3 log lines become a JSON array. Pipe into jq: cat output.json | jq '[.[] | select(.level=="ERROR")]'

Edge cases, handled

JSONL / JSON Lines

NDJSON, JSONL, and JSON Lines are the same format with different names. All use one JSON object per line with newline separators. This converter handles all three.

Malformed lines

If a line can't be parsed as JSON, the converter stops at that line and shows the error with the line number. Common cause: a log entry was split across lines by a buffered write.

Large log files

Each line is parsed independently, so NDJSON files are more memory-efficient to process than a single large JSON array. Files up to ~100 MB typically process in seconds in the browser.

Frequently asked questions

What is NDJSON and why do log systems use it?

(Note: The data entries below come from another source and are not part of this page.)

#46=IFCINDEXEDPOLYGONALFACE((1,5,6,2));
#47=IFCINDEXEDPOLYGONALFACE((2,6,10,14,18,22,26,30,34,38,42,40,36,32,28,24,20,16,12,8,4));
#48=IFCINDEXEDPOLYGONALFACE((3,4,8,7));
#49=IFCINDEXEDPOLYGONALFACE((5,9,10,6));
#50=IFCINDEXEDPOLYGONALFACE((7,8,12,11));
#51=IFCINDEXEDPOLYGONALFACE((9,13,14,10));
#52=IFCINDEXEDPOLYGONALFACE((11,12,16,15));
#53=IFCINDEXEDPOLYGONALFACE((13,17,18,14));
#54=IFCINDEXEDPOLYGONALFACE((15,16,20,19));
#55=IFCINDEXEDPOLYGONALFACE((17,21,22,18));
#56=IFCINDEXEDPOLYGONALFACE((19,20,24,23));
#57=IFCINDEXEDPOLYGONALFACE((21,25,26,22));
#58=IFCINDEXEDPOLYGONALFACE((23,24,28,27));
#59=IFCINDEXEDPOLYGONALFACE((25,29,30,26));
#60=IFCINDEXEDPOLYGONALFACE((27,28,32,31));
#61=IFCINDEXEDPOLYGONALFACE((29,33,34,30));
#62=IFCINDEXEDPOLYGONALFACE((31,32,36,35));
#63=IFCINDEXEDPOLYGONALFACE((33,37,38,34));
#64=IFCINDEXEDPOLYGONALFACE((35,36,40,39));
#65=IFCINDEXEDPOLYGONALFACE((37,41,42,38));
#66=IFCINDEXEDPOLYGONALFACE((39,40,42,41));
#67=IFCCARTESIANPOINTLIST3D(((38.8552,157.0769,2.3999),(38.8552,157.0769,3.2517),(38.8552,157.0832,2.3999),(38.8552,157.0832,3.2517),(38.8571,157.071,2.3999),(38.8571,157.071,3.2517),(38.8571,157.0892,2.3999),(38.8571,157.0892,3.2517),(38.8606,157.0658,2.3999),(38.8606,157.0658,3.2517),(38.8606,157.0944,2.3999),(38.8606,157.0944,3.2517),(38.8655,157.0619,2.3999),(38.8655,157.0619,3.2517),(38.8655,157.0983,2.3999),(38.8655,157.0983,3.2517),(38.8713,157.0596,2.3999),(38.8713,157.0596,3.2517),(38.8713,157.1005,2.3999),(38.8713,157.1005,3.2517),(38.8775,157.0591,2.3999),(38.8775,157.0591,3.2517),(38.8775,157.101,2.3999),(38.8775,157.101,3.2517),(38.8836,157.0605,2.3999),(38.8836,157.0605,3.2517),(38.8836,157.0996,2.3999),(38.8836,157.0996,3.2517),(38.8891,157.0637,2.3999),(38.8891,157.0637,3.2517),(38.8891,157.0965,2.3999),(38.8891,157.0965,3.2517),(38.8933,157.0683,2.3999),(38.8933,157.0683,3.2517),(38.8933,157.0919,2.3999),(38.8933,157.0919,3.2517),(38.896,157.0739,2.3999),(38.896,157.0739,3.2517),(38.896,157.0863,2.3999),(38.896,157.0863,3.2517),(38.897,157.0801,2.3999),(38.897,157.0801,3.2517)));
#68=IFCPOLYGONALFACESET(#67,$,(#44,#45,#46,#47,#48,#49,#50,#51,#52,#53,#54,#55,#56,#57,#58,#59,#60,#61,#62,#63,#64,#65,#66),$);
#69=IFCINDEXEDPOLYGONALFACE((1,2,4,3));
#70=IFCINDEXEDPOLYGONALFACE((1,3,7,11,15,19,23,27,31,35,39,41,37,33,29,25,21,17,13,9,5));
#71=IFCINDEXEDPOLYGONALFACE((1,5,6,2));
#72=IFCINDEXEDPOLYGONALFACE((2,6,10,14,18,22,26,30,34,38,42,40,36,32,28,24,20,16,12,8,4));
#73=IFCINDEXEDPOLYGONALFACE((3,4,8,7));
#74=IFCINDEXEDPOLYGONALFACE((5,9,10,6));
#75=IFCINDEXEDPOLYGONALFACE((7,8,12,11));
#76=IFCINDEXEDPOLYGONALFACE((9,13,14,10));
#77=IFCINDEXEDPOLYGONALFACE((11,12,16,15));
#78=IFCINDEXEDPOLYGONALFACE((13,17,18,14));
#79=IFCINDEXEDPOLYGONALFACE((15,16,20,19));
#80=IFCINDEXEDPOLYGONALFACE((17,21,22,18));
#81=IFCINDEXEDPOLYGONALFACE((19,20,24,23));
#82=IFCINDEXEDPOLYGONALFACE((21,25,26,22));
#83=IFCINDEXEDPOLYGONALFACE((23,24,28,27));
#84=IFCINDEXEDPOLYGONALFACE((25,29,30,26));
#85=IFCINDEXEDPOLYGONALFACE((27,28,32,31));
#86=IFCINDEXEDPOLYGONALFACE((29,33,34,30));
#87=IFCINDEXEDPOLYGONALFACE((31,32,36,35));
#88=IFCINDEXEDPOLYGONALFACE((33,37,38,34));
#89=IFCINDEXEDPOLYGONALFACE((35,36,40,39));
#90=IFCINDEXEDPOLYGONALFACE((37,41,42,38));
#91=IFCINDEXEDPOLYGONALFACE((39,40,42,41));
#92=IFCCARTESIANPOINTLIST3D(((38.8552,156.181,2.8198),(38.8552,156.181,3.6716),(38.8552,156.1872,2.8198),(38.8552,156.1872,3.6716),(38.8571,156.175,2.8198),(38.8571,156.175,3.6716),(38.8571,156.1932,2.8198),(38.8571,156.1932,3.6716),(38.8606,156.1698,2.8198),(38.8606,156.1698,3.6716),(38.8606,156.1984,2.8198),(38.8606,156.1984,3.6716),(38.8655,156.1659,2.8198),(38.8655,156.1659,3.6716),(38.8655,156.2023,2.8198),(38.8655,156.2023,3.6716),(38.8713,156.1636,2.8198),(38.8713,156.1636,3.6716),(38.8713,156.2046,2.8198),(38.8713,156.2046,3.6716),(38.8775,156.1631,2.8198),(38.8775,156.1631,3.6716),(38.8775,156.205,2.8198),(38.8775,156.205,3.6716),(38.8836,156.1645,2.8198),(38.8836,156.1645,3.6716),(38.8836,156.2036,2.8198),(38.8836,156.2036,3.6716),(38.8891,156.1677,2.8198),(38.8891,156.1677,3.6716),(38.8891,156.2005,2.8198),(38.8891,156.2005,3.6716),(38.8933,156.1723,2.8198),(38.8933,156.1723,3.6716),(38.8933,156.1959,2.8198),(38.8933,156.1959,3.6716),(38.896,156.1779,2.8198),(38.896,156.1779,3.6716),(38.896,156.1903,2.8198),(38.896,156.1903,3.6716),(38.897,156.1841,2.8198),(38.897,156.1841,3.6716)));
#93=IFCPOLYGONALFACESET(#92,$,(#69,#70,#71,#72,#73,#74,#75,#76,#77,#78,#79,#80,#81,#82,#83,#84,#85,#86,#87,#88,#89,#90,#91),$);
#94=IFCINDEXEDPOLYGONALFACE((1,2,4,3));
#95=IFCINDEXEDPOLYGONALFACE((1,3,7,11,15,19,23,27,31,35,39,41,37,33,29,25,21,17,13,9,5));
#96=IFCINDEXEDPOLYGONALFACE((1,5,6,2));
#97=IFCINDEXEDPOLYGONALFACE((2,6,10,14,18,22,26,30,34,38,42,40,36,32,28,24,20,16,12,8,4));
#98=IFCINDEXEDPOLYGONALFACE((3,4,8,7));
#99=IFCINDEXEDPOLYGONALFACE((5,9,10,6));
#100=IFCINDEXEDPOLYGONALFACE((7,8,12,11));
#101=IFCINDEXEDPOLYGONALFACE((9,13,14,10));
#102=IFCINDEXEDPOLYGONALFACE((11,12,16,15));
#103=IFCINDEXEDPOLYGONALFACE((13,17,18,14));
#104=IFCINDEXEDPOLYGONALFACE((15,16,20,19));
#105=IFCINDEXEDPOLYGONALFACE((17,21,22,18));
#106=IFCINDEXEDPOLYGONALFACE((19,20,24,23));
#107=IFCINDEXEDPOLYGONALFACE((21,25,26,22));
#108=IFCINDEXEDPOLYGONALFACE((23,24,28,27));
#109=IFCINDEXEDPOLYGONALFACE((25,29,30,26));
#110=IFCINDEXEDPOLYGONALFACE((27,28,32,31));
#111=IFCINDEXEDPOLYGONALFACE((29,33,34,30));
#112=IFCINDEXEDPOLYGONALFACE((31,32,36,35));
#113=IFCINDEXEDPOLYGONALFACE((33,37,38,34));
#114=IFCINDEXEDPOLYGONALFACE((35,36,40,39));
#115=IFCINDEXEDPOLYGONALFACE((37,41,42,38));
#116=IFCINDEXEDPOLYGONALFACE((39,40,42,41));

NDJSON (Newline Delimited JSON) stores one complete JSON object per line. Log systems use it because it's streamable — you can append a new log line without rewriting the entire file, and you can read a partially-written file line by line. Standard JSON arrays can't be appended to without breaking the structure.

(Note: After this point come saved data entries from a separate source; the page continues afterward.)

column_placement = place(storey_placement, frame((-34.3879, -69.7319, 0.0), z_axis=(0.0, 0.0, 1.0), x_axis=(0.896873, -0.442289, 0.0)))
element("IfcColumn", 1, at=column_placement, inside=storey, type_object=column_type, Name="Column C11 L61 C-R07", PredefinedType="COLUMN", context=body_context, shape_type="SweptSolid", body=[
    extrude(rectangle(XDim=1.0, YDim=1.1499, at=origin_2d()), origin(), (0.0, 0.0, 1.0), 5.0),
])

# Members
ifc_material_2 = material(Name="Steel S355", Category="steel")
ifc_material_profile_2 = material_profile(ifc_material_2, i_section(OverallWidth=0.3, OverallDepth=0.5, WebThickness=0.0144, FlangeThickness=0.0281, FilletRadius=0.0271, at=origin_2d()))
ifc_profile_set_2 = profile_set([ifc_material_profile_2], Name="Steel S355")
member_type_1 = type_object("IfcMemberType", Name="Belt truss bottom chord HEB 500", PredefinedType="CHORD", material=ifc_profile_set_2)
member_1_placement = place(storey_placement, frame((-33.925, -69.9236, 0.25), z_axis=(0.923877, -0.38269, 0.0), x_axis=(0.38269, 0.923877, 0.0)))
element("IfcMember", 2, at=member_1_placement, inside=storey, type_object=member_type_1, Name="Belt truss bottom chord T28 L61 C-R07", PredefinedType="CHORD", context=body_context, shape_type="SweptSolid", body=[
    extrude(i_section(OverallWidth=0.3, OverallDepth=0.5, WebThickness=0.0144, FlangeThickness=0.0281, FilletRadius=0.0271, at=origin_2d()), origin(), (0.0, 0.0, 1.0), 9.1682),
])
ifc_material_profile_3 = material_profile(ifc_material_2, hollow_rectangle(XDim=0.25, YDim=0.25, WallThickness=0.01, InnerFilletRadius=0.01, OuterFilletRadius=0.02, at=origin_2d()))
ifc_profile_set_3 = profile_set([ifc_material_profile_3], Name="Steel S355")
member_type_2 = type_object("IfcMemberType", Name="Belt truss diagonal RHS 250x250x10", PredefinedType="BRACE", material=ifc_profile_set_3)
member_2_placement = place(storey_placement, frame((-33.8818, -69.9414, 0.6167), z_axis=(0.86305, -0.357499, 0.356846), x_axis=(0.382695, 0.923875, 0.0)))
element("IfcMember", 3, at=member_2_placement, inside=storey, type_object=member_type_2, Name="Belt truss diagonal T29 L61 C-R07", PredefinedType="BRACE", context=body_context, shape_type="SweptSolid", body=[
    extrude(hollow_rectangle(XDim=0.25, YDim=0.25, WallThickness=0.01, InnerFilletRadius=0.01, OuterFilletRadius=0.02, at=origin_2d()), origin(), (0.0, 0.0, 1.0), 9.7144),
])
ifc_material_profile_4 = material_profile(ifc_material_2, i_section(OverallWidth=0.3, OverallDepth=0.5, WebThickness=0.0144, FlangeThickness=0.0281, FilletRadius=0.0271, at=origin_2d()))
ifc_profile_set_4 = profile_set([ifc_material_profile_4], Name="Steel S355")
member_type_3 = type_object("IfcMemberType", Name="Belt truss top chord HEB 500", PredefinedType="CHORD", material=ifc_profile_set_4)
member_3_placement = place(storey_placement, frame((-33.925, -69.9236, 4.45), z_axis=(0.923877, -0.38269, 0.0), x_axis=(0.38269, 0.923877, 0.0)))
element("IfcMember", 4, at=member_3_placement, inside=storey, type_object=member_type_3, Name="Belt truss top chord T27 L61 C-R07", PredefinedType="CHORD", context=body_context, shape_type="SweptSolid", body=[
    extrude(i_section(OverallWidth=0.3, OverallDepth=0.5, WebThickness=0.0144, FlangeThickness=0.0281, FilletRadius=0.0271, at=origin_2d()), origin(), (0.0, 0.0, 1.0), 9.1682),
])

What's the difference between NDJSON, JSONL, and JSON Lines?

Nothing — they're the same format. NDJSON is the formal name from the ndjson.github.io spec. JSONL is used by BigQuery and some Python libraries. JSON Lines is the name used by the jsonlines.org spec. All three: one JSON object per line, newline as separator.

My log file has some non-JSON lines mixed in. Will this fail?

Yes — any line that isn't valid JSON causes a parse error at that line number. Common in log files that mix structured JSON lines with plaintext error messages. Strip the non-JSON lines before converting, or use grep to filter: grep '^{' logfile.ndjson.

Can I convert the NDJSON output to CSV?

Yes. Convert to JSON array first using this tool, then use the JSON to CSV converter. The two-step pipeline works well for log analysis: NDJSON → JSON → CSV → spreadsheet.

Tools like BigQuery and Elasticsearch export in NDJSON. Can I use this to read those exports?

Yes. BigQuery's JSON export format is NDJSON (one object per line). Elasticsearch's _search API with scroll also returns NDJSON. Paste the export directly and the converter produces a standard JSON array.